After the whole scheme is unraveled and Michael sees what an absolute lunatic his girlfriend is, she is likewise shipped off to the same mental hospital her mother spent so much of her life in. At the end, Lucy tells Bill and Emily that she is going back to the asylum willingly too, so that she can finally be there for her daughter the way she never was before.

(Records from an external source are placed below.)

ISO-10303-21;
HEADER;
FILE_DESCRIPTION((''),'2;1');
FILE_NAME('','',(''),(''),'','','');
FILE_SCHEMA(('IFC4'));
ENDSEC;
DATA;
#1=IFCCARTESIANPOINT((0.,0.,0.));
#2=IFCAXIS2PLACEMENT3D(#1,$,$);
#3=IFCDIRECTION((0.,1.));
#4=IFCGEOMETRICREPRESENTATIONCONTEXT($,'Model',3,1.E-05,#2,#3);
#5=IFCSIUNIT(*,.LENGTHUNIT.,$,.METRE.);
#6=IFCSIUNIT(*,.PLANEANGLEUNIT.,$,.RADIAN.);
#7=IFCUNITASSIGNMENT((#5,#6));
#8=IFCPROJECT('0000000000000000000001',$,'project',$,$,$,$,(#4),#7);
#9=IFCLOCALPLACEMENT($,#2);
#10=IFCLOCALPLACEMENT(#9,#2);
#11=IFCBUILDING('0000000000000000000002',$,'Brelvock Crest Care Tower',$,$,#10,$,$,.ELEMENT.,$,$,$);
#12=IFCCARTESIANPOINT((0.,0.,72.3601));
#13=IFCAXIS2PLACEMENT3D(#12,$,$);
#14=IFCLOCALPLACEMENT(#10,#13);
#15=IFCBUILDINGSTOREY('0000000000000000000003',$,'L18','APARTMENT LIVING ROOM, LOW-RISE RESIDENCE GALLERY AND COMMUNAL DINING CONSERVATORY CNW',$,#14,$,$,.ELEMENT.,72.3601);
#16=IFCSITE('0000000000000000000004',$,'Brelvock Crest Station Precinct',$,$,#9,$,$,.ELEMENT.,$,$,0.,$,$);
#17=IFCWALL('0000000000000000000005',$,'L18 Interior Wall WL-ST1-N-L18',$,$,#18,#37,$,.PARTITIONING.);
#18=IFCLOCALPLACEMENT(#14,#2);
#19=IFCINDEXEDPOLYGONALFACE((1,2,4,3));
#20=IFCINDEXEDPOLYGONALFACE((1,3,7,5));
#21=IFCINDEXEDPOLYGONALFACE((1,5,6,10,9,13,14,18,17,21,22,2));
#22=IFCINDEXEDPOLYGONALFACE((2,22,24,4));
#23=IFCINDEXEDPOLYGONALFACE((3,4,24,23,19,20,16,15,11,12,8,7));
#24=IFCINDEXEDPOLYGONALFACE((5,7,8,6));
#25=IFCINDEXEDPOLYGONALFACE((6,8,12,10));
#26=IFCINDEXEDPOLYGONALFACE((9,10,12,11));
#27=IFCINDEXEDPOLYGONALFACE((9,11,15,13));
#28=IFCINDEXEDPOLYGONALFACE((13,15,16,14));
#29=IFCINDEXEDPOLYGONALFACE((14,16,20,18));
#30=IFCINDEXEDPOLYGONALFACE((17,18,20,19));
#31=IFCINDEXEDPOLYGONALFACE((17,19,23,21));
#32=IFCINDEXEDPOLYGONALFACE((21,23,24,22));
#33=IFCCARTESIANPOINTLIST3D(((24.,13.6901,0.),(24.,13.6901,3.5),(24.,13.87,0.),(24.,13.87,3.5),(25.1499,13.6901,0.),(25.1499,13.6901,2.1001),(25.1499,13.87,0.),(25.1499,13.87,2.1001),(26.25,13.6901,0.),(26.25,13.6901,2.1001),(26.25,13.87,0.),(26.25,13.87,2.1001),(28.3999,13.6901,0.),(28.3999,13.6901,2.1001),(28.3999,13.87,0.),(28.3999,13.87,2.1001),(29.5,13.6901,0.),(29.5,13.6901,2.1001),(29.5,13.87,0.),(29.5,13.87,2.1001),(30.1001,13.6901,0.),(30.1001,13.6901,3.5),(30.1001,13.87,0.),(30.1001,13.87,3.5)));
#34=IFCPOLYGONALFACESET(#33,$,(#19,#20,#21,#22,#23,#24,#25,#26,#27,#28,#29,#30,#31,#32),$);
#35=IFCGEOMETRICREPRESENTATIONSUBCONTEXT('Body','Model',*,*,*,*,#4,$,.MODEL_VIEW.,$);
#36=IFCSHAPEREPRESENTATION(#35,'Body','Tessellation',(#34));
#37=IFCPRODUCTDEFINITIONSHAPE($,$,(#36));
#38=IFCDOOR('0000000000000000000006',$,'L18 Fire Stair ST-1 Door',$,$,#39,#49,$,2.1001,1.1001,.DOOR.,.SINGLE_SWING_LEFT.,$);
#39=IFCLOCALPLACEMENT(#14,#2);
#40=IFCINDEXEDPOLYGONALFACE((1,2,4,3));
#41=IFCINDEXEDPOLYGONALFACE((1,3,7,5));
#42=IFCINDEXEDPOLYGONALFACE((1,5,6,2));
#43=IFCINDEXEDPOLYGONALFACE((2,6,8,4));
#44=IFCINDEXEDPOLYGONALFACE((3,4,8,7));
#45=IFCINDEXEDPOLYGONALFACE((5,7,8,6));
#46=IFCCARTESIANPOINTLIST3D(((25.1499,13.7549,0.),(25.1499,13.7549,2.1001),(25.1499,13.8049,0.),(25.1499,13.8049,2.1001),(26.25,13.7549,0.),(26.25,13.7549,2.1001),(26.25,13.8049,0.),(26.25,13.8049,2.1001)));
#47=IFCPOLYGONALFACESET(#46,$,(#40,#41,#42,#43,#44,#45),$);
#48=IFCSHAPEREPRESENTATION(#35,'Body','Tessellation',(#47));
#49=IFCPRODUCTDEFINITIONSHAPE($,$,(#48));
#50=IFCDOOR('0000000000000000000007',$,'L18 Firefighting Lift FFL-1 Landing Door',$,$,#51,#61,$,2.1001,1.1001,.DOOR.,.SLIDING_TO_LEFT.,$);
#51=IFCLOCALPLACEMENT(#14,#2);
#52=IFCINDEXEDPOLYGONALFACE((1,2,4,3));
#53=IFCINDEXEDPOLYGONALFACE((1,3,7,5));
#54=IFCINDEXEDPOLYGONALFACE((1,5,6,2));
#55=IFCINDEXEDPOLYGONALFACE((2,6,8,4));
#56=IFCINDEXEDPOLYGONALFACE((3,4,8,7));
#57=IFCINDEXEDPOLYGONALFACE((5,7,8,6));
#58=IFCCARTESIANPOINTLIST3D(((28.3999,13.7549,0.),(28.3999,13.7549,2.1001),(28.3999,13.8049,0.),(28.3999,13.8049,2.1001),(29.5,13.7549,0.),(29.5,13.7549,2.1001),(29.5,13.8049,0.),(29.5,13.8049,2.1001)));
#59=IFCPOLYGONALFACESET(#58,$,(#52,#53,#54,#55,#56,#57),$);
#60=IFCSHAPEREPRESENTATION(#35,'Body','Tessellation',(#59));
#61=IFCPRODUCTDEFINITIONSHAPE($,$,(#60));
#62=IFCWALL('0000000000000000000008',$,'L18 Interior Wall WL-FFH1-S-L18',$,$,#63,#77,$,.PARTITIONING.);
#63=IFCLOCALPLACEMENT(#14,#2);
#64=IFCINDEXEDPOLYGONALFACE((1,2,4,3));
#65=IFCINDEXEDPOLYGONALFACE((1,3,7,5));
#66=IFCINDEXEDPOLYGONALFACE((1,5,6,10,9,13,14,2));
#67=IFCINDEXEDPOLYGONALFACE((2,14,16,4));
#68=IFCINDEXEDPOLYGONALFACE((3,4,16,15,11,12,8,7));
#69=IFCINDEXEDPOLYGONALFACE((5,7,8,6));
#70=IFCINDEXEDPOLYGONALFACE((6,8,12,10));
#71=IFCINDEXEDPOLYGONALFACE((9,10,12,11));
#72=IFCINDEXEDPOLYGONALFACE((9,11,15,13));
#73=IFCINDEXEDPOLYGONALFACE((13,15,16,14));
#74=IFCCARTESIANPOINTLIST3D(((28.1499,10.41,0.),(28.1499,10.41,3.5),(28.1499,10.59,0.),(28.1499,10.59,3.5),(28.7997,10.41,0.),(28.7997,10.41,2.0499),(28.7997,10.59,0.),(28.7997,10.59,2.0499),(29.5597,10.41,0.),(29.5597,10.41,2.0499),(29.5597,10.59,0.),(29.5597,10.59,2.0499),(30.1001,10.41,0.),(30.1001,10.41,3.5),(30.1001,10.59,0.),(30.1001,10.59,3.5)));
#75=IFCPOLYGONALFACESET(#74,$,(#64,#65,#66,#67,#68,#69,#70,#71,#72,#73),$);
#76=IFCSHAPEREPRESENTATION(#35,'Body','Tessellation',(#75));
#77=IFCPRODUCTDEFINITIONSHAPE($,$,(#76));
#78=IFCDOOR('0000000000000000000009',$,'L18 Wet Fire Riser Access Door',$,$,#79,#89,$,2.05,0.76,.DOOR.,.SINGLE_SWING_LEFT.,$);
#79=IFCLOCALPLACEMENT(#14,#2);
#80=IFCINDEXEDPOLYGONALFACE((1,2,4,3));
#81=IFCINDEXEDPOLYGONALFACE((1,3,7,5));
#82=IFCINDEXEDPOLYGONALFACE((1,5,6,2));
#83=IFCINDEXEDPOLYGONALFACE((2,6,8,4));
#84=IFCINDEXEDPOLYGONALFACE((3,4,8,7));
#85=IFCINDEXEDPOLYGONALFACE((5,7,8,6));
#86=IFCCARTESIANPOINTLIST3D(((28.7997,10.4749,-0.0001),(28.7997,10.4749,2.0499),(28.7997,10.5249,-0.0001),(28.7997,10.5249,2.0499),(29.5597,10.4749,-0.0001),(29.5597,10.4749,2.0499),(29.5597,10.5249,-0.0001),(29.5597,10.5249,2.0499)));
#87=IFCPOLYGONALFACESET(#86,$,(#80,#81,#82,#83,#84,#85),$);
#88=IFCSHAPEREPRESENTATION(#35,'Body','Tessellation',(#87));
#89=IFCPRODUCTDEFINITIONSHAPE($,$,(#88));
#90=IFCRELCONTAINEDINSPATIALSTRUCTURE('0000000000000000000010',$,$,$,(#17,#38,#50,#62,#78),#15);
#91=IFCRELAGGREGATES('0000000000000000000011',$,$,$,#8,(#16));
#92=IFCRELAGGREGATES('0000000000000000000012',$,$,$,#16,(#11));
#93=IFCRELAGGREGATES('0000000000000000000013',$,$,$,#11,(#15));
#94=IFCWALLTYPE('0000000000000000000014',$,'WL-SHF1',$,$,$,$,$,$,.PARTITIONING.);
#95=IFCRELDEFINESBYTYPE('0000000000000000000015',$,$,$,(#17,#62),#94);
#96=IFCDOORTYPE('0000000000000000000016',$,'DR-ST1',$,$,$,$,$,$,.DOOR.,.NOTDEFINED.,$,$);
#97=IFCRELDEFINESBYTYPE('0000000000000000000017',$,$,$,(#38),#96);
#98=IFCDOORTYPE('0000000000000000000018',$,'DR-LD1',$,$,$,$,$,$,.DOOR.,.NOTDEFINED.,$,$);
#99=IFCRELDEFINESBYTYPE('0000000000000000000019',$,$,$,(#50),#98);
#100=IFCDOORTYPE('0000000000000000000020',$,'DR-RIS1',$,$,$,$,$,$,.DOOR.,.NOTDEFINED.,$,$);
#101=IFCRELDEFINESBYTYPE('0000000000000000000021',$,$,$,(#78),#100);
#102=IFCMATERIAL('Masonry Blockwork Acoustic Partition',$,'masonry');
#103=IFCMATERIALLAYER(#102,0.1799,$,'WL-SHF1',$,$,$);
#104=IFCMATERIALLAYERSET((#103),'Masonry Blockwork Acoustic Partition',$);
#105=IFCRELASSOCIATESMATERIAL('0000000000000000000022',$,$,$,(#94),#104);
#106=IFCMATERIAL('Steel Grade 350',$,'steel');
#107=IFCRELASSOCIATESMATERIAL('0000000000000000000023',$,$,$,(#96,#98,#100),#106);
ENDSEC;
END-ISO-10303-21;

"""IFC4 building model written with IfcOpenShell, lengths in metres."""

from ifc_helpers import new_model, si_unit, direction, frame, frame_2d, origin, origin_2d, place, context, subcontext, project, spatial, rectangle, extrude, source, transform, mapped, material, layer, layer_set, type_object, element, fill, save


model = new_model("IFC4")

# Units and contexts
model_context = context("Model", 3, precision=1e-05, world=origin(), true_north=direction((0.0, 1.0)))
body_context = subcontext(model_context, "Body", "Model", "MODEL_VIEW")
ifc_project = project(units=[si_unit("LENGTHUNIT", "METRE"), si_unit("PLANEANGLEUNIT", "RADIAN")], contexts=[model_context])

# Site, building, storey
site_placement = place(None, origin())
site = spatial("IfcSite", under=ifc_project, at=site_placement, Name="Brelvock Crest Station Precinct", CompositionType="ELEMENT", RefElevation=0.0)
building_placement = place(site_placement, origin())
building = spatial("IfcBuilding", under=site, at=building_placement, Name="Brelvock Crest Care Tower", CompositionType="ELEMENT")
storey_placement = place(building_placement, frame((0.0, 0.0, 72.3601)))
storey = spatial("IfcBuildingStorey", under=building, at=storey_placement, Name="L18", Description="APARTMENT LIVING ROOM, LOW-RISE RESIDENCE GALLERY AND COMMUNAL DINING CONSERVATORY CNW", CompositionType="ELEMENT", Elevation=72.3601)

# Shared definitions
ifc_material_1 = material(Name="Steel Grade 350", Category="steel")

# Shared definitions
ifc_material_2 = material(Name="Masonry Blockwork Acoustic Partition", Category="masonry")

# Shared definitions
ifc_layer_1 = layer(ifc_material_2, 0.1799, Name="WL-SHF1")
ifc_layer_set_1 = layer_set([ifc_layer_1], Name="Masonry Blockwork Acoustic Partition")
wall_type_1 = type_object("IfcWallType", Name="WL-SHF1", PredefinedType="PARTITIONING", material=ifc_layer_set_1)

# Wall, openings, doors
wall_1_placement = place(storey_placement, frame((24.0, 13.78, 0.0), z_axis=(0.0, 0.0, 1.0), x_axis=(1.0, 0.0, 0.0)))
wall_1 = element("IfcWall", 1, at=wall_1_placement, inside=storey, type_object=wall_type_1, Name="L18 Interior Wall WL-ST1-N-L18", PredefinedType="PARTITIONING", context=body_context, shape_type="SweptSolid", body=[
    extrude(rectangle(XDim=6.1001, YDim=0.1799, at=frame_2d((3.05, 0.0))), origin(), (0.0, 0.0, 1.0), 3.5),
])
opening_1_placement = place(wall_1_placement, frame((1.1499, 0.0, 0.0)))
opening_1 = element("IfcOpeningElement", 2, at=opening_1_placement, cuts=wall_1, PredefinedType="OPENING", context=body_context, shape_type="SweptSolid", body=[
    extrude(rectangle(XDim=1.1001, YDim=2.1001, at=origin_2d()), frame((0.55, 0.1001, 1.05), z_axis=(0.0, -1.0, 0.0), x_axis=(1.0, 0.0, 0.0)), (0.0, 0.0, 1.0), 0.2),
])
opening_2_placement = place(wall_1_placement, frame((4.3999, 0.0, 0.0)))
opening_2 = element("IfcOpeningElement", 3, at=opening_2_placement, cuts=wall_1, PredefinedType="OPENING", context=body_context, shape_type="SweptSolid", body=[
    extrude(rectangle(XDim=1.1001, YDim=2.1001, at=origin_2d()), frame((0.55, 0.1001, 1.05), z_axis=(0.0, -1.0, 0.0), x_axis=(1.0, 0.0, 0.0)), (0.0, 0.0, 1.0), 0.2),
])
door_type_1 = type_object("IfcDoorType", Name="DR-ST1", OperationType="NOTDEFINED", PredefinedType="DOOR", material=ifc_material_1)
shared_shape_1 = source(origin(), body_context, "Body", "SweptSolid", [
    extrude(rectangle(XDim=1.1001, YDim=2.1001, at=origin_2d()), frame((0.55, 0.0249, 1.05), z_axis=(0.0, -1.0, 0.0), x_axis=(1.0, 0.0, 0.0)), (0.0, 0.0, 1.0), 0.05),
])
door_1_placement = place(opening_1_placement, origin())
door_1 = element("IfcDoor", 4, at=door_1_placement, inside=storey, type_object=door_type_1, Name="L18 Fire Stair ST-1 Door", OperationType="SINGLE_SWING_LEFT", OverallHeight=2.1001, OverallWidth=1.1001, PredefinedType="DOOR", context=body_context, shape_type="MappedRepresentation", body=[
    mapped(shared_shape_1, transform((0.0, 0.0, 0.0), x_axis=(1.0, 0.0, 0.0), y_axis=(0.0, 1.0, 0.0), z_axis=(0.0, 0.0, 1.0), scale=1.0)),
])
fill(opening_1, door_1)
door_type_2 = type_object("IfcDoorType", Name="DR-LD1", OperationType="NOTDEFINED", PredefinedType="DOOR", material=ifc_material_1)
shared_shape_2 = source(origin(), body_context, "Body", "SweptSolid", [
    extrude(rectangle(XDim=1.1001, YDim=2.1001, at=origin_2d()), frame((0.55, 0.0249, 1.05), z_axis=(0.0, -1.0, 0.0), x_axis=(1.0, 0.0, 0.0)), (0.0, 0.0, 1.0), 0.05),
])
door_2_placement = place(opening_2_placement, origin())
door_2 = element("IfcDoor", 5, at=door_2_placement, inside=storey, type_object=door_type_2, Name="L18 Firefighting Lift FFL-1 Landing Door", OperationType="SLIDING_TO_LEFT", OverallHeight=2.1001, OverallWidth=1.1001, PredefinedType="DOOR", context=body_context, shape_type="MappedRepresentation", body=[
    mapped(shared_shape_2, transform((0.0, 0.0, 0.0), x_axis=(1.0, 0.0, 0.0), y_axis=(0.0, 1.0, 0.0), z_axis=(0.0, 0.0, 1.0), scale=1.0)),
])
fill(opening_2, door_2)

As I said, this was a solid little horror film, not at all as melodramatic or cheesy as I was expecting from a William Castle movie starring Joan Crawford. The acting was great all around, and the story had a real heart to it, particularly in Joan Crawford’s performance as Lucy and the way she played against Diane Baker as Carol. If I had one slight criticism, it would be that it was pretty obvious that Carol was the killer very early on in the movie (I figured it out right as Carol became insistent about dressing her mother up in her young-style clothes and showing her the bracelets), but it was still an entertaining watch in spite of that.
If you’re interested in horror films from this era and want to see something that was inspired by Psycho but has its own slightly lower-rent charm, then Strait-Jacket might be your cup of tea. Come to think of it, it would make a great double feature with Francis Ford Coppola’s first film, Dementia 13, another low-budget Psycho homage featuring an axe murderer (though produced by Roger Corman instead of William Castle).